Meta unveils a new AI supercomputer

Meta (formerly known as Facebook) has unveiled a new AI supercomputer. The company claims it will be the fastest and world's largest AI supercomputer it's fully ready by the end of 2022.

Meta calls the new AI supercomputer, AI Research SuperCluster (RSC). The company says it is already being used by Meta researchers to train large models of Natural Language Processing (NLP) and computer vision models for research. "AI can currently perform tasks like translating text between languages and helping identify potentially harmful content, but developing the next generation of AI will require powerful supercomputers capable of quintillions of operations per second," says Meta.
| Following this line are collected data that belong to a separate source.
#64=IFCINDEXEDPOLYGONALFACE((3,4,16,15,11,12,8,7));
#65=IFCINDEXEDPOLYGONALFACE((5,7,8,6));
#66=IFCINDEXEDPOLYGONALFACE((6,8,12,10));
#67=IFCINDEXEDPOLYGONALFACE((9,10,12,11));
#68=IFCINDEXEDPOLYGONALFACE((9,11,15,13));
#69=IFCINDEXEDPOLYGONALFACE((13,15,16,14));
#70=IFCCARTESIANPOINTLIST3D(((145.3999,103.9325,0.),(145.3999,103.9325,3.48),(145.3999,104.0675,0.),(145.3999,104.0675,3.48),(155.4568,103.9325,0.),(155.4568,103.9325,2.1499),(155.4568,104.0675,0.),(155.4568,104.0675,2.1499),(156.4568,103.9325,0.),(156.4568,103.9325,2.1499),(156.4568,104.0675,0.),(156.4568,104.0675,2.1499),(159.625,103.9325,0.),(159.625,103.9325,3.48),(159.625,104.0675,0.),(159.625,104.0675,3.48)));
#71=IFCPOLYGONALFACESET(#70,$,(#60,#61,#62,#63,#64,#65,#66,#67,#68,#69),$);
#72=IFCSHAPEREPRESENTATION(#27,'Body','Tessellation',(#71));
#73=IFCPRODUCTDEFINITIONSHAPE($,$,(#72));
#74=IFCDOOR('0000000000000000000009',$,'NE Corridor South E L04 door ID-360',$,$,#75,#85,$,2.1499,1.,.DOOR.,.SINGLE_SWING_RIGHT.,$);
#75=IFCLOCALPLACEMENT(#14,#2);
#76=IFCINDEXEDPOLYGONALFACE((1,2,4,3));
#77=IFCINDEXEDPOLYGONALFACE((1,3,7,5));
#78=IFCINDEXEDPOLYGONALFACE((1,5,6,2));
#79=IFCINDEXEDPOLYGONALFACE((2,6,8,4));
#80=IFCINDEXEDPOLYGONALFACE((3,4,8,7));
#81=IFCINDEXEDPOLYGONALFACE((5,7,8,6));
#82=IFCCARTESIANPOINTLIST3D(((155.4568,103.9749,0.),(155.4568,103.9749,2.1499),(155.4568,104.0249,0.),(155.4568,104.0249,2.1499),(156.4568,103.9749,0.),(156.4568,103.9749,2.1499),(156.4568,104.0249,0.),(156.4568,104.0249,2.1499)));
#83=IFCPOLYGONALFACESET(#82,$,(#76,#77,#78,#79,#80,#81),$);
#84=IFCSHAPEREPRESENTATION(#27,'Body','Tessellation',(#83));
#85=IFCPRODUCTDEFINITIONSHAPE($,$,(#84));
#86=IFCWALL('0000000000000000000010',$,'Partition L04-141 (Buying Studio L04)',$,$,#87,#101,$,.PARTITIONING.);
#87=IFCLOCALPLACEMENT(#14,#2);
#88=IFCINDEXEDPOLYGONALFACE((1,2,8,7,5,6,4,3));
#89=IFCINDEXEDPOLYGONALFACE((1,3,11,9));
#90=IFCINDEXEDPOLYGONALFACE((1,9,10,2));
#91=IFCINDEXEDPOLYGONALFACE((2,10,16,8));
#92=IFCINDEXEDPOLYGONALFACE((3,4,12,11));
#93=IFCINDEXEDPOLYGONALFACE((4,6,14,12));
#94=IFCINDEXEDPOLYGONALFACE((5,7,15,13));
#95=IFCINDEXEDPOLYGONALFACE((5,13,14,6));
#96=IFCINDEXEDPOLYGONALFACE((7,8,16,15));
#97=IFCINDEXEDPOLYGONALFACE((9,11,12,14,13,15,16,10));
RSC will help Meta build better AI models that will be trained by trillions of examples, work across hundreds of different languages, seamlessly analyze text, images, and video together, be used for AR, and much more.

"We hope RSC will help us build entirely new AI systems that can, for example, power real-time voice translations to large groups of people, each speaking a different language, so they can seamlessly collaborate on a research project or play an AR game together" — Kevin Lee and software engineer Shubho Sengupta, Meta

meta ai supercomputer

Source: Meta

The current generation of RSC supercomputers has 760 NVIDIA DGX A100 systems with a total of 6,080 GPUs. Meta believes that the current generation is already among the fastest supercomputers in the world. Based on the early benchmarks, Meta says that the current RSC can run computer vision models up to 20 times faster and nine times faster than the NVIDIA Collective Communication Library.

RSC is up and running today, but its development is ongoing. Once we complete phase two of building out RSC, we believe it will be the fastest AI supercomputer in the world, performing at nearly 5 exaflops of mixed-precision compute.

Throughout 2022, Meta will work to increase the number of GPUs from 6,080 to 16,000. The company says that it will increase its throughput by 2.5 times.